La Banque africaine de développement (BAD) accorde une haute priorité à la promotion des envois de fonds effectués par les travailleurs migrants et à leur impact sur le développement en Afrique. En effet, à l’instar d’autres travaux, elle montre que les transferts de fonds des migrants prennent une importance croissante dans les économies des pays à forte migration. Cependant, malgré leur poids, ces flux financiers générés en direction des pays africains demeurent mal connus. De nombreuses zones d’ombres quant à la structure du marché ou à l’utilisation de ces ressources subsistent.
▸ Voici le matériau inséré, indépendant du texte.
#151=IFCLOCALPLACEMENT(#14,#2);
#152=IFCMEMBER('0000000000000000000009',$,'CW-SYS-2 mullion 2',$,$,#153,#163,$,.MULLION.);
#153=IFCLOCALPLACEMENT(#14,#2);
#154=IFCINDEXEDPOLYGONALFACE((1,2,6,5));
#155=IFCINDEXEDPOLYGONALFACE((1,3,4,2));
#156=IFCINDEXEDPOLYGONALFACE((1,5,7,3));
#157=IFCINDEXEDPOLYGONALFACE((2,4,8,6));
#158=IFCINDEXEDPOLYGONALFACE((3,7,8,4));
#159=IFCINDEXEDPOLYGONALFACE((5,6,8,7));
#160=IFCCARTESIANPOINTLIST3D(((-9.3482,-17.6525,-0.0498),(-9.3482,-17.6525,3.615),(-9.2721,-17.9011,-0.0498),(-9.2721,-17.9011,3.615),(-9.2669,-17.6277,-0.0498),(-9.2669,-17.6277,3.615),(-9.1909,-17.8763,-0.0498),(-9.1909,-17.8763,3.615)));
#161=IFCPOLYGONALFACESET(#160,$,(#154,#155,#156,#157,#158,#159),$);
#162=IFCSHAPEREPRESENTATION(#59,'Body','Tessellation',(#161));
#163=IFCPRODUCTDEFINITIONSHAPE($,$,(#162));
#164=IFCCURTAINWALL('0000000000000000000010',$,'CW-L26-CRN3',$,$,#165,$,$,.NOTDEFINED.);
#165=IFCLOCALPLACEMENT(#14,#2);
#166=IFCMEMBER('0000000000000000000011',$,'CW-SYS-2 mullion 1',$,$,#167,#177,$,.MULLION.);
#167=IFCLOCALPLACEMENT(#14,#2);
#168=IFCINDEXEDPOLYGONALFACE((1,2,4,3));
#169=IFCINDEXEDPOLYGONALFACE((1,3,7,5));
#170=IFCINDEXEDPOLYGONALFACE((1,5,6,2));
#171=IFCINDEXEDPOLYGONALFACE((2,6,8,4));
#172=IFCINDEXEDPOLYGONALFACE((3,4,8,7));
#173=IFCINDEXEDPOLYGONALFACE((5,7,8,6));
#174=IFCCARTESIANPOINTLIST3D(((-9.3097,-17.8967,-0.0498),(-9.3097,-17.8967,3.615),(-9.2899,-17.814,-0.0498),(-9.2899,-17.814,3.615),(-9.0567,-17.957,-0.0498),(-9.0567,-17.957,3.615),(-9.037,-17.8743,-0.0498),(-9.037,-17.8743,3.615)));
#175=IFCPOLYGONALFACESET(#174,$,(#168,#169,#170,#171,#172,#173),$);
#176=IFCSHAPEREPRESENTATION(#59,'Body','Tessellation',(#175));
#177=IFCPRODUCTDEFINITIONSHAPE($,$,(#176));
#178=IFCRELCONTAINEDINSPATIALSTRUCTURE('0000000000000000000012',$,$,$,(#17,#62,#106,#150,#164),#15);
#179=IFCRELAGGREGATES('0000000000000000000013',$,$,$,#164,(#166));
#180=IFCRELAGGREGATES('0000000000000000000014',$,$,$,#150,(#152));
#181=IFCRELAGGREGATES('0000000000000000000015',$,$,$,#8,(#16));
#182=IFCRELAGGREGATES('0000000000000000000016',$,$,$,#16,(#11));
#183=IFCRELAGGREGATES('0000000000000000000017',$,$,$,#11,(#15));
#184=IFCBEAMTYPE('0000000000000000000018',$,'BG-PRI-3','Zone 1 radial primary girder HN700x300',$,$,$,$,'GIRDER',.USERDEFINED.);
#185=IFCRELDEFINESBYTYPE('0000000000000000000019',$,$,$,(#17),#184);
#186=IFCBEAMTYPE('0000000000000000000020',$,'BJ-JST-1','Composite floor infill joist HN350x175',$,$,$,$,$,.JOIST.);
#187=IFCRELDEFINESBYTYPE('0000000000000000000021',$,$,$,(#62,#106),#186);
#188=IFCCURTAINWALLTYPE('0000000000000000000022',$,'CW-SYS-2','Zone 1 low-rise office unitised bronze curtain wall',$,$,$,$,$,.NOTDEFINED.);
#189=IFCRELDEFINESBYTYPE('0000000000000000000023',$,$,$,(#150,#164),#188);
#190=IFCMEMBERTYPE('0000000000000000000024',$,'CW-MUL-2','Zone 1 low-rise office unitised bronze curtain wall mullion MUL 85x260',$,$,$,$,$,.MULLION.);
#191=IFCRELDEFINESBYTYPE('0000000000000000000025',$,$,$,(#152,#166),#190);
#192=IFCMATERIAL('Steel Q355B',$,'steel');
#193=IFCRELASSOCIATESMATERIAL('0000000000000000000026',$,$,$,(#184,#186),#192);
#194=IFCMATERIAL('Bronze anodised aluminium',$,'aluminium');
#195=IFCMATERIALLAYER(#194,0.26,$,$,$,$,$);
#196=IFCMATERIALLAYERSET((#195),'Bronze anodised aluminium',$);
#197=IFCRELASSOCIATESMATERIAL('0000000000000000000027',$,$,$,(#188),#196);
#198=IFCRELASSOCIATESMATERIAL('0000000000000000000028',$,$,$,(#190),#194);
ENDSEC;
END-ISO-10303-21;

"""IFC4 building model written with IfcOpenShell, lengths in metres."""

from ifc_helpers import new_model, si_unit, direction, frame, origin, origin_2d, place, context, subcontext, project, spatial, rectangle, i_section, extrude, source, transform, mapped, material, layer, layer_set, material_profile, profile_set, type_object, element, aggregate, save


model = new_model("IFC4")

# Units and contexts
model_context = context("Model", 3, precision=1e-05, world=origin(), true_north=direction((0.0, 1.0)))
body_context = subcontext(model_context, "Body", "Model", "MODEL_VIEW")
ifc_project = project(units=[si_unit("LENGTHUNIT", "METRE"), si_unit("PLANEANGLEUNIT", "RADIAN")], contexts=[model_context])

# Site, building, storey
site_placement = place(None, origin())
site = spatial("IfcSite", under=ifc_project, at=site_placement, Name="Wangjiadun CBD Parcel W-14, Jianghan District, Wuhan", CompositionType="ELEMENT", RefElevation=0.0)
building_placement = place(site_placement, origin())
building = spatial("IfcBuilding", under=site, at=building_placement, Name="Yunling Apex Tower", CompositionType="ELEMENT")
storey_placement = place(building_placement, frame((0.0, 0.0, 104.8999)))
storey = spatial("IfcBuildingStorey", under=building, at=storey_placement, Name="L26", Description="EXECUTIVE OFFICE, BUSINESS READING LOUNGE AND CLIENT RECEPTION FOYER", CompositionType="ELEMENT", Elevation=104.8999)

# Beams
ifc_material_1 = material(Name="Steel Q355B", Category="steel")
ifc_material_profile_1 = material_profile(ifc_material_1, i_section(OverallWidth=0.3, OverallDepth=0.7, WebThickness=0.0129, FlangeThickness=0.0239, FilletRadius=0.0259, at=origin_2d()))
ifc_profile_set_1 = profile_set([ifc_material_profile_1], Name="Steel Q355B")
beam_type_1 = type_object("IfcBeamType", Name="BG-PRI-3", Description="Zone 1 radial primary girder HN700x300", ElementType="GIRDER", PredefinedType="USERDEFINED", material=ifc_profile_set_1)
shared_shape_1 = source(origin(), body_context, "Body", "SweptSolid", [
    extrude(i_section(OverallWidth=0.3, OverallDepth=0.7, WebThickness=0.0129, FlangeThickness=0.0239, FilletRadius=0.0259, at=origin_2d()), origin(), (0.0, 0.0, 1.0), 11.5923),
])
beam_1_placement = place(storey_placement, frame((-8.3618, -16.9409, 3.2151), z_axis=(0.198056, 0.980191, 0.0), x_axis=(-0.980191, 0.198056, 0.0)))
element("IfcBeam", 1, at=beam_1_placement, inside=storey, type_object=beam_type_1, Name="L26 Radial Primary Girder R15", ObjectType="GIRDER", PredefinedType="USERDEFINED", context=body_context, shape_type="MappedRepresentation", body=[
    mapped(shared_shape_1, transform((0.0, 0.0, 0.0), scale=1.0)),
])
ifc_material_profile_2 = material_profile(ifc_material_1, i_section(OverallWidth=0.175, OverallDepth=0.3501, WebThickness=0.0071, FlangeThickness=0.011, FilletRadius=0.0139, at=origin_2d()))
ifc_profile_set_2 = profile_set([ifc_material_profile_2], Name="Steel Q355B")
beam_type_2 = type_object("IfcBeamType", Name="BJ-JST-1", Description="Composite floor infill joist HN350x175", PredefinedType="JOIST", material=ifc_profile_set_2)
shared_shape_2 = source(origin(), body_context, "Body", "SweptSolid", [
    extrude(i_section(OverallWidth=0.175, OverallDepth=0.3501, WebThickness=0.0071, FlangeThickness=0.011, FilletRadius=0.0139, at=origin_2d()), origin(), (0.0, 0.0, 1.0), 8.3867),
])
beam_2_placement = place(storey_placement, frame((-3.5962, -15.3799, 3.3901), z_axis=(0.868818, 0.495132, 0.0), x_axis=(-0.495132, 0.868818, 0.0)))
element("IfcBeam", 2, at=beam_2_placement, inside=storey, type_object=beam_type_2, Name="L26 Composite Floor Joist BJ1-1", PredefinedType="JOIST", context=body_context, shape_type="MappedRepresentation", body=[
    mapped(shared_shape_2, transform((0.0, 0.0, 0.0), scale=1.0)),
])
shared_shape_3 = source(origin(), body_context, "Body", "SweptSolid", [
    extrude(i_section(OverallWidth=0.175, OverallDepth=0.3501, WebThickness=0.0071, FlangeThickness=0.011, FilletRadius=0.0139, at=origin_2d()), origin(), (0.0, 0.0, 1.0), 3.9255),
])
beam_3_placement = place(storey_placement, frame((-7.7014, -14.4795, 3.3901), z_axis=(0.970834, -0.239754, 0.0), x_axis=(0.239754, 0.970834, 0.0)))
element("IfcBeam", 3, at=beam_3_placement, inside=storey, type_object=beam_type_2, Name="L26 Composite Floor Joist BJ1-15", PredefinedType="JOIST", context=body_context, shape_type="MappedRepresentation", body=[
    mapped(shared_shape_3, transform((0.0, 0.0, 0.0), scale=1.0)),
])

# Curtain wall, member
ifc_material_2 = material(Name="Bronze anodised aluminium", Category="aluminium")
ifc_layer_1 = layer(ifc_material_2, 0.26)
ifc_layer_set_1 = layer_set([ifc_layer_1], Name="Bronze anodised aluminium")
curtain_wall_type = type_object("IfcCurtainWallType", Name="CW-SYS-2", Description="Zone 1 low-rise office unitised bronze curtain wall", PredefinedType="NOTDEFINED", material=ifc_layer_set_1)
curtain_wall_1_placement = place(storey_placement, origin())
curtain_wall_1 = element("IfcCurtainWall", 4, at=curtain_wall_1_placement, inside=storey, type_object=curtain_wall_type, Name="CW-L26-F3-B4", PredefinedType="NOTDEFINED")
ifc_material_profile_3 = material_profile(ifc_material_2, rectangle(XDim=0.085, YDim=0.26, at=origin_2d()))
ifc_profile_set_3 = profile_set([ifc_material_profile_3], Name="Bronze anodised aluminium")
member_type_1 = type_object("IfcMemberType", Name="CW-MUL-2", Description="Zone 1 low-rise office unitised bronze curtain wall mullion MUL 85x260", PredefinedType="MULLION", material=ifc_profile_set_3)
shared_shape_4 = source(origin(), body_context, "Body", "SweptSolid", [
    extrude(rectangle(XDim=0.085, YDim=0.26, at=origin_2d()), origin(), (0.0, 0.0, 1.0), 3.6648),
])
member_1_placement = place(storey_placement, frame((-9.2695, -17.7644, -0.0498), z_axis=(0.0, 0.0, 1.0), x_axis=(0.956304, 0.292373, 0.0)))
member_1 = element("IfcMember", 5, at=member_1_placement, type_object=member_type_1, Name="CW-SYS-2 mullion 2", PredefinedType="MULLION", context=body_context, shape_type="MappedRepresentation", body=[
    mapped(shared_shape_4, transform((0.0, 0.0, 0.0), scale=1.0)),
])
L'étude a permis d’établir un état des lieux global des flux financiers issus de la diaspora, d’identifier les mécanismes qui gouvernent le marché des transferts de fonds, les déterminants de l’offre et de la demande, de quantifier les flux et les canaux formels et informels qu’ils empruntent, leur répartition et leur utilisation. Elle met en perspective la stratégie des différents acteurs concernés, les migrants, leurs familles ainsi que les autres opérateurs économiques impliqués. Elle a porté sur quatre pays cibles, le Maroc, le Sénégal, le Mali, et les Comores. Ces pays présentent des caractéristiques économiques et sociologiques très différentes. Au même moment, ils ont en commun des liens migratoires et historiques forts avec un même pays développé, la France. Le rapport aborde également l’évolution des transferts de migrants à partir de pays limitrophes, l’Espagne et l’Italie, et souligne les différences de comportement intergénérationnelles.

Le rapport présenté fait ressortir l’importance sociale, économique et financière des transferts de migrants dans les pays récipiendaires. Leur volume représente entre 9 et 24% du PIB des pays étudiés, soit entre 80 et 750% de l’aide publique au développement dont ils sont bénéficiaires.

L’étude a été menée sous la direction scientifique d’un comité de pilotage coordonné par M. Mohamed Bourenane, Chef de Division au sein du Département Secteur Privé et Micro-finance de la Banque africaine de développement.

Le comité de pilotage comprenait, en outre, des experts: des ministères français de l’économie, des finances et de l’emploi; des Affaires étrangères; de l’Immigration, de l’Intégration, de l’Identité nationale et du Co-développement; ainsi que de l’Agence française de développement (AFD) et de la Banque européenne d’investissement (BEI).

Le travail d’enquête et d’analyse a été mené par une équipe du Bureau d’études BDPA coordonnée par M. Ludovic Houssard. Le travail de terrain a été exécuté sous le contrôle de Mme Fatma Diarra (France) et de M. Abbas Soïdiki (Comores), Jamal Khalil (Maroc), Cheikh Amidou Kane (Sénégal) et Moussa Sidibé (Mali).